The Westboro Baptist Church isn’t gonna do that however, and instead they’ll protest Sages funeral like they have hundreds of funerals before, mostly for American soldiers, with signs about how Sage deserved to die, it was all Sylvesters fault, and God hates them both. They’ve already tweeted all this:
- “So Westboro will picket Sage Stallone’s funeral so Syl’s other children will finally see some truth.”
- “Tell @TheSlyStallone to mourn for his sins, not pimp out son’s dead body to more proud sin!”
- “Whoring dad @TheSlyStallone selfishly drove him to mock God & to his death.”
- “Adulterous dad brought wrath of God on son.”
- “Thrice-married rebel taught his son to mock God.”

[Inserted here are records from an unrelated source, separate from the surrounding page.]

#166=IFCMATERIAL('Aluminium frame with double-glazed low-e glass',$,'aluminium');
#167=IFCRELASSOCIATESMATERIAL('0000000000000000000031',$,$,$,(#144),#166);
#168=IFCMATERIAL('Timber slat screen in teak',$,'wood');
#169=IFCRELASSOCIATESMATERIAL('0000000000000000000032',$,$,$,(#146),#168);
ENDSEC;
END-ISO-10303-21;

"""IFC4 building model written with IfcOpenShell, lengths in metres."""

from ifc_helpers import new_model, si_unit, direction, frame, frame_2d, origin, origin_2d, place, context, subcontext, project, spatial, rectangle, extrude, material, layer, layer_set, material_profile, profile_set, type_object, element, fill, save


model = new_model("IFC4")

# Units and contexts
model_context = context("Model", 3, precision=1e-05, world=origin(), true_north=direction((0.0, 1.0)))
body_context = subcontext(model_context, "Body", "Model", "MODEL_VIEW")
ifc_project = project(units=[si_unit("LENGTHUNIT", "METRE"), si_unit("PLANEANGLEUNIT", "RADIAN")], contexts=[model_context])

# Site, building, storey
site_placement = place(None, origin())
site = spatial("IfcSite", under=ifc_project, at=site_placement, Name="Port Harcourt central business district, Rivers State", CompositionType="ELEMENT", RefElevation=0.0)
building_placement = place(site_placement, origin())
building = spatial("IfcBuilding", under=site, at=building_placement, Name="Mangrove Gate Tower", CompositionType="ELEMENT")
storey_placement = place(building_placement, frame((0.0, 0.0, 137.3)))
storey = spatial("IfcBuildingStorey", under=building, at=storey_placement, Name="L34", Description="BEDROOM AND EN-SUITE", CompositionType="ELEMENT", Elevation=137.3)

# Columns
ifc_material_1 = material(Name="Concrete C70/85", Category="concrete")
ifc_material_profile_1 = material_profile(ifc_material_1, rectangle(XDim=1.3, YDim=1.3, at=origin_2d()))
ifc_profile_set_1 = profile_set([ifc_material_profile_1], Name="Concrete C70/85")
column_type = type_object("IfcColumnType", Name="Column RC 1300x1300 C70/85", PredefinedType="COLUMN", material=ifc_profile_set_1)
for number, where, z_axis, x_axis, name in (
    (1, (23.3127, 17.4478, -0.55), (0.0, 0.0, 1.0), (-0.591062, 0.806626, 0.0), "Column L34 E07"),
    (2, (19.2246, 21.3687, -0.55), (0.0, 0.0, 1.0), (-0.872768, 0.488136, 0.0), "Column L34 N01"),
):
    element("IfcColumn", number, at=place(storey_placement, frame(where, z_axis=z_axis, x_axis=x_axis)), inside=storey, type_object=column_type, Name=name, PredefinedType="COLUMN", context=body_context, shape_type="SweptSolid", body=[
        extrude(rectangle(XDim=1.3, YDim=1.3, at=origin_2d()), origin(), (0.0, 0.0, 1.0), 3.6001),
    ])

Most of that stems from the book of Leviticus, which Westboro absolutely loves because it talks about hating gay people (Leviticus 20:13) and adultery. Far be it for me to question the theological study of inbred retards but in that same book God also says not to shave or cut your hair on the sides (Leviticus 19:27) or wear fabrics like polyester (Leviticus 19:19) and Westboro does all that. Clearly “they are in league with the Devil” and we should stone them (Leviticus 20:27) until they’re new name is Westboro Baptist Church and Quarry.